In some cases, predictive failure analysis (PFA) may be used predict which storage drives in a RAID are going to fail. For example, events such as media errors, as well as the quantity and frequency of such events, are indicators that may be used to predict which storage drives will fail as well as when they will fail. This may allow corrective action to be taken on a RAID prior to a storage drive failure. For example, a storage drive that is predicted to fail may be removed from an array and replaced with a new drive prior to failure. Data may then be rebuilt on the new drive to restore data redundancy.
Unfortunately, PFE is not always accurate. In some cases, PFA may predict that a certain drive is going to fail when in reality a different drive fails first. In certain cases, an erroneous prediction can create situations that compromise data integrity. For example, if a drive that is predicted to fail is replaced with a new drive and, while data is being rebuilt on the new storage drive, a different drive fails, all or part of the data in the array may be permanently lost. Data loss can have mild to very severe consequences for an organization.
In view of the foregoing, what are needed are techniques to more intelligently and efficiently maintain arrays of independent storage drives (RAIDS). Ideally, in cases where a storage drive in a RAID is predicted to fail, such techniques will allow the RAID to be serviced in a way that better protects data while the RAID is being rebuilt. Ideally, such techniques will also minimize the amount of time a technician needs to service a RAID.
The invention has been developed in response to the present state of the art and, in particular, in response to the problems and needs in the art that have not yet been fully solved by currently available apparatus and methods. Accordingly, the invention has been developed to enable users to more efficiently and intelligently service redundant arrays of storage drives. The features and advantages of the invention will become more fully apparent from the following description and appended claims, or may be learned by practice of the invention as set forth hereinafter.
Consistent with the foregoing, a method for servicing a redundant array of independent storage drives (i.e., RAID) is disclosed herein. In one embodiment, such a method includes performing a service call on the RAID by performing the following steps: (1) determining whether the RAID includes one or more consumed spare storage drives; (2) in the event the RAID includes one or more consumed spare storage drives, physically replacing the one or more consumed spare storage drive with one or more non-consumed spare storage drives; and (3) initiating a copy process that copies data from a storage drive that is predicted to fail to a non-consumed spare storage drive associated with the RAID. The service call may then be terminated. After the service call is terminated, the method waits for an indication that a number of non-consumed spare storage drives in the RAID has fallen below a selected threshold.
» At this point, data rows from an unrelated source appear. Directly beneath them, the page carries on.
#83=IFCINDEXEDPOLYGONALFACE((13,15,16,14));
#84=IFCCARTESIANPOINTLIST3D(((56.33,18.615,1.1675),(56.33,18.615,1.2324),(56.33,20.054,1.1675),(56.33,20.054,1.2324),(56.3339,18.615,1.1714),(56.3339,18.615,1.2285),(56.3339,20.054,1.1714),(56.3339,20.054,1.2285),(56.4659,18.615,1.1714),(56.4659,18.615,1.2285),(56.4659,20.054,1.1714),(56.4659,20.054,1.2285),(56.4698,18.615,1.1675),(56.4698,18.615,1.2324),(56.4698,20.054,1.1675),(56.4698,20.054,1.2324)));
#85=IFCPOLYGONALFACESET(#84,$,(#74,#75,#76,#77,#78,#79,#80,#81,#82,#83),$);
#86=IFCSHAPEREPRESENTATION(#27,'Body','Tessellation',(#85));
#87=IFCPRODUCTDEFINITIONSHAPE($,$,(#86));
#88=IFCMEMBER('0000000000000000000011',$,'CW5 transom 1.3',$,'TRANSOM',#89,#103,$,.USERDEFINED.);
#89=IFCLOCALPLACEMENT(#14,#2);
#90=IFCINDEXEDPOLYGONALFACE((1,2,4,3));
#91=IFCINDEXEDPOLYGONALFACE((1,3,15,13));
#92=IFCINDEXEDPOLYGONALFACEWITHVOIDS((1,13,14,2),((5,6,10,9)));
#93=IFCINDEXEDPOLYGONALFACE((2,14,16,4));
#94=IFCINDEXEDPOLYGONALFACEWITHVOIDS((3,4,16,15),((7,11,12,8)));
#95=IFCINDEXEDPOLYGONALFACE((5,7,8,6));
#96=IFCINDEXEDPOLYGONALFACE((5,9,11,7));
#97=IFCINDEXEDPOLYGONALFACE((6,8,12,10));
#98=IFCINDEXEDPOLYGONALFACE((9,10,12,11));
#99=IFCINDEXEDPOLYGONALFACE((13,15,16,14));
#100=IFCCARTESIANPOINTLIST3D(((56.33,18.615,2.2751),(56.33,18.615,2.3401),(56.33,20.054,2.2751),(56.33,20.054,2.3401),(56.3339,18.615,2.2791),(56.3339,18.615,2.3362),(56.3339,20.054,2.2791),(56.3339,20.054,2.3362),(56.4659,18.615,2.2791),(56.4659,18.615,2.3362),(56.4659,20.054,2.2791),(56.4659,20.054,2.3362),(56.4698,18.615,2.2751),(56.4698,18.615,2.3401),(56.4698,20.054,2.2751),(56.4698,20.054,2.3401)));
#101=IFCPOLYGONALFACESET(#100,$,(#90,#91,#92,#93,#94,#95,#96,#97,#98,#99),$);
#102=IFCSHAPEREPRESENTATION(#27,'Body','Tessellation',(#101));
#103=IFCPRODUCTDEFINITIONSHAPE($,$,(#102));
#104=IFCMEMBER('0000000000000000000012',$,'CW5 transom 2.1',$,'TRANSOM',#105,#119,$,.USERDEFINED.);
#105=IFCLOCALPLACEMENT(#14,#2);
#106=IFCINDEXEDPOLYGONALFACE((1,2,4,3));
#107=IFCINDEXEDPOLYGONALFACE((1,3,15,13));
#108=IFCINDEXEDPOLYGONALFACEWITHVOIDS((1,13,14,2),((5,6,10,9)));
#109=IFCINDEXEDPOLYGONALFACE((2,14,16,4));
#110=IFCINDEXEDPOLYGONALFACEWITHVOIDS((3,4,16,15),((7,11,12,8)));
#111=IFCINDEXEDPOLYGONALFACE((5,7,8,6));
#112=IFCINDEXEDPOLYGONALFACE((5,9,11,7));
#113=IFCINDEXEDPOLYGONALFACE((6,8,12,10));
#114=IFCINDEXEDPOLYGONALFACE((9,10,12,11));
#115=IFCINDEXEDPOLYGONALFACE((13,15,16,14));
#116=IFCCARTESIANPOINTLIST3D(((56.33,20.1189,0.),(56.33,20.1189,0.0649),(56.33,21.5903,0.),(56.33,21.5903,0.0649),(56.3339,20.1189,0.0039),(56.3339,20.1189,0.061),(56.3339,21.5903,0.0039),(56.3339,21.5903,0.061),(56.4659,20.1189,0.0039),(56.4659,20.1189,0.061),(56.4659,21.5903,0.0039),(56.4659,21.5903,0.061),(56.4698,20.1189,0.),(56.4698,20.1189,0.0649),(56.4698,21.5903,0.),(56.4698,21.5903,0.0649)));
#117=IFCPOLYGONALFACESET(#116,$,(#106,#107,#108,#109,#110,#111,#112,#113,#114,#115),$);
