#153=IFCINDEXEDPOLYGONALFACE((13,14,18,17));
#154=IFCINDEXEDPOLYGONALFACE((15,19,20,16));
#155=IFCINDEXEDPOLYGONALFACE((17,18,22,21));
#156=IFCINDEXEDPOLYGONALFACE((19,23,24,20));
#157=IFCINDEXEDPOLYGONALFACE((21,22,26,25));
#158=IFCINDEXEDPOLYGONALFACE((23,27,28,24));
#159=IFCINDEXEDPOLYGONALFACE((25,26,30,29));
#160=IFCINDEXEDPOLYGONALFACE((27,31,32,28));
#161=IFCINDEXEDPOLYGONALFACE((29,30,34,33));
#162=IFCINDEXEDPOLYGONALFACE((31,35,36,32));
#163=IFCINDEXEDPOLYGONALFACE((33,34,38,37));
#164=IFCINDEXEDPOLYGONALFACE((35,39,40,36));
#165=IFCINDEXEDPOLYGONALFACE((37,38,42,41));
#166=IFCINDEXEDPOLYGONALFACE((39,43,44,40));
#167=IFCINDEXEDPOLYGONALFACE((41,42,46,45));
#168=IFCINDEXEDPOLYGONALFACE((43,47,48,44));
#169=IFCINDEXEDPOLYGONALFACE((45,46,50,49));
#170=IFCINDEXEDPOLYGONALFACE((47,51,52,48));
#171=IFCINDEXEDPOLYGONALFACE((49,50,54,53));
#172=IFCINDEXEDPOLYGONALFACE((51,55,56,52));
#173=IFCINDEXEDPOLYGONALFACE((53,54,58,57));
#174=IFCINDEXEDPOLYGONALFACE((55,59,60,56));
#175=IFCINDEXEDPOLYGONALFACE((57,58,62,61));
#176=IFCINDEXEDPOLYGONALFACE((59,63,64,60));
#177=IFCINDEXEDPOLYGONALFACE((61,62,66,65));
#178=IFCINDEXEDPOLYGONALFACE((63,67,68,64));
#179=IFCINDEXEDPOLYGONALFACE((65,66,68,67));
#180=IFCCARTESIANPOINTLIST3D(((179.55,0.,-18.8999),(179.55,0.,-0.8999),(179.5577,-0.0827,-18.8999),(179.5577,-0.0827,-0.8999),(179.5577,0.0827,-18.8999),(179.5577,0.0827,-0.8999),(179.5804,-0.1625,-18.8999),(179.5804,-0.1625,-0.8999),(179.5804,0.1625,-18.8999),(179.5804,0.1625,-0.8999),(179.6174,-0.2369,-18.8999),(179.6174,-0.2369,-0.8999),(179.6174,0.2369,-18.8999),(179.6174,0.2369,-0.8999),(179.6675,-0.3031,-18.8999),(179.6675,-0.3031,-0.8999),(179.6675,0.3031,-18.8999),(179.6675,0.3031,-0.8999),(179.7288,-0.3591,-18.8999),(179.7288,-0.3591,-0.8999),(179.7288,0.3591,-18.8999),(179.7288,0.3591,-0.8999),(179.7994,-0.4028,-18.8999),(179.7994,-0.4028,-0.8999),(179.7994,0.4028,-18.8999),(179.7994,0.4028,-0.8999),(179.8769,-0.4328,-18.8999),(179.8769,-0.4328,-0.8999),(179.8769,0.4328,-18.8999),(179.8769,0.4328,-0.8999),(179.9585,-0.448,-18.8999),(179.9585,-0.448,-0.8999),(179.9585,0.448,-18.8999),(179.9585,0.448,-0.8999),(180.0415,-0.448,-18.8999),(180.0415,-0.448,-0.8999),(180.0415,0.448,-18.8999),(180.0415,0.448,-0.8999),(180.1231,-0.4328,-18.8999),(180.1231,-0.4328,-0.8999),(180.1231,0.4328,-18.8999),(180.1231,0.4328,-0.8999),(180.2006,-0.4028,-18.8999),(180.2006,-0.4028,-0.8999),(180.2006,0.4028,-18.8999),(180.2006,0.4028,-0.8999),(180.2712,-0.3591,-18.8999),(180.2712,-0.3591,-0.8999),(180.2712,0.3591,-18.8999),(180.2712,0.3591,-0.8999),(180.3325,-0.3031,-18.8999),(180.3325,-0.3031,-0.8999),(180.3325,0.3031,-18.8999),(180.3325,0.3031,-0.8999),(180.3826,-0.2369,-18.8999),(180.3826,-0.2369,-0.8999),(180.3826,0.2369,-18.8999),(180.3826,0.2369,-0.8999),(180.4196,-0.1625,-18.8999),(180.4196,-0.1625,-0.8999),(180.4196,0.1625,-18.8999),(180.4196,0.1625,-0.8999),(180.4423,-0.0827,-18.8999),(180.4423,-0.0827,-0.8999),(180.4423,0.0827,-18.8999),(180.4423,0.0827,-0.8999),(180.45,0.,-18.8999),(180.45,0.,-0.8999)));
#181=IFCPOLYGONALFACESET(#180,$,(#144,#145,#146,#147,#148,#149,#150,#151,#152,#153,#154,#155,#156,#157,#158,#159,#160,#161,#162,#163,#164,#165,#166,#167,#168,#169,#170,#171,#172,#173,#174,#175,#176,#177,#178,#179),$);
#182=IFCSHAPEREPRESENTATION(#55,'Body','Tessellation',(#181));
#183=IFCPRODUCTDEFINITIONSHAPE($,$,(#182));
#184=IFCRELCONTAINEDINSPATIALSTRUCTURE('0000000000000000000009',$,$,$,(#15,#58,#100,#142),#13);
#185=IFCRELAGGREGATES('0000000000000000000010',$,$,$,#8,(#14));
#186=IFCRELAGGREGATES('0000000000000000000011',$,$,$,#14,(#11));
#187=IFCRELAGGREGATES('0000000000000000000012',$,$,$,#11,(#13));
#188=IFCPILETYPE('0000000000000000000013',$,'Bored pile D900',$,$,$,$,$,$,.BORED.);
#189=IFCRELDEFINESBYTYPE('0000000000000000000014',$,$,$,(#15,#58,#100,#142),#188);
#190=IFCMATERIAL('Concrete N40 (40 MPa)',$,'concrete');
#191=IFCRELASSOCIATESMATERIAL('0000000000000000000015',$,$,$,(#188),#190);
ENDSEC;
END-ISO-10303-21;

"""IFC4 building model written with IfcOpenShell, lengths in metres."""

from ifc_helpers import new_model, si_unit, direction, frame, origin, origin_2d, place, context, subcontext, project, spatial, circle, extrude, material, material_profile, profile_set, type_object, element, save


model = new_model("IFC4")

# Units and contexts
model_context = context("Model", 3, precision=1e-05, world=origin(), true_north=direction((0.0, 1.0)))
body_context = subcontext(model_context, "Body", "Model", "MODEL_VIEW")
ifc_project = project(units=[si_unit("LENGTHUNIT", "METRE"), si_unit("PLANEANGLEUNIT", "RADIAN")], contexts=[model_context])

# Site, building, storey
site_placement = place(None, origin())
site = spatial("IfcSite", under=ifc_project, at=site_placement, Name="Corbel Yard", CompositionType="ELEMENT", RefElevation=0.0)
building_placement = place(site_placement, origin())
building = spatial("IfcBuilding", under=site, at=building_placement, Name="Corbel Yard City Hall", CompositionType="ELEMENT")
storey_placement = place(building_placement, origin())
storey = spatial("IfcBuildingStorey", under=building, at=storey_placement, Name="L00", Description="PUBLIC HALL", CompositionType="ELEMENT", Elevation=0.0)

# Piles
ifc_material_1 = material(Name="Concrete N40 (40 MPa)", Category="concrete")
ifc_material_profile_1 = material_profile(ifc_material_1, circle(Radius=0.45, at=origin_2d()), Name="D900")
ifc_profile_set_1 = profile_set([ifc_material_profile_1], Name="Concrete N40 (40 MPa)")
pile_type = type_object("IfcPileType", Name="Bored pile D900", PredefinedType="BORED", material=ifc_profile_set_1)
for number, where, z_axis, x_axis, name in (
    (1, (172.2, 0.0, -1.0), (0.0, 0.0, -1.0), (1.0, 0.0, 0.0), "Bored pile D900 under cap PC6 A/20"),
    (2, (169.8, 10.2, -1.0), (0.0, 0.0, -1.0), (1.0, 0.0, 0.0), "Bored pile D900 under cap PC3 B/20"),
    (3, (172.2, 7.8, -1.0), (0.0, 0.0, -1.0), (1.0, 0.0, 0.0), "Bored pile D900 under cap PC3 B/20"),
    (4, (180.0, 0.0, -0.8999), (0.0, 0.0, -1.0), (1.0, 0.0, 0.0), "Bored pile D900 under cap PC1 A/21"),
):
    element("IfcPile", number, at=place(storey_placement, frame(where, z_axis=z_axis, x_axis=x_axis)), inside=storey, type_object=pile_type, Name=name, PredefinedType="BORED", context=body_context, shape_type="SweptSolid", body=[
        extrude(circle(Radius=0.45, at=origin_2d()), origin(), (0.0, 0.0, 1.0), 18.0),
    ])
A corresponding apparatus and computer program product are also disclosed and claimed herein.
In order that the advantages of the invention will be readily understood, a more particular description of the invention briefly described above will be rendered by reference to specific embodiments illustrated in the appended drawings. Understanding that these drawings depict only typical embodiments of the invention and are not therefore to be considered limiting of its scope, the invention will be described and explained with additional specificity and detail through use of the accompanying drawings, in which:
It will be readily understood that the components of the present invention, as generally described and illustrated in the Figures herein, could be arranged and designed in a wide variety of different configurations. Thus, the following more detailed description of the embodiments of the invention, as represented in the Figures, is not intended to limit the scope of the invention, as claimed, but is merely representative of certain examples of presently contemplated embodiments in accordance with the invention. The presently described embodiments will be best understood by reference to the drawings, wherein like parts are designated by like numerals throughout.
As will be appreciated by one skilled in the art, the present invention may be embodied as an apparatus, system, method, or computer program product. Furthermore, the present invention may take the form of a hardware embodiment, a software embodiment (including firmware, resident software, micro-code, etc.) configured to operate hardware, or an embodiment combining software and hardware aspects that may all generally be referred to herein as a “module” or “system.” Furthermore, the present invention may take the form of a computer-usable storage medium embodied in any tangible medium of expression having computer-usable program code stored therein.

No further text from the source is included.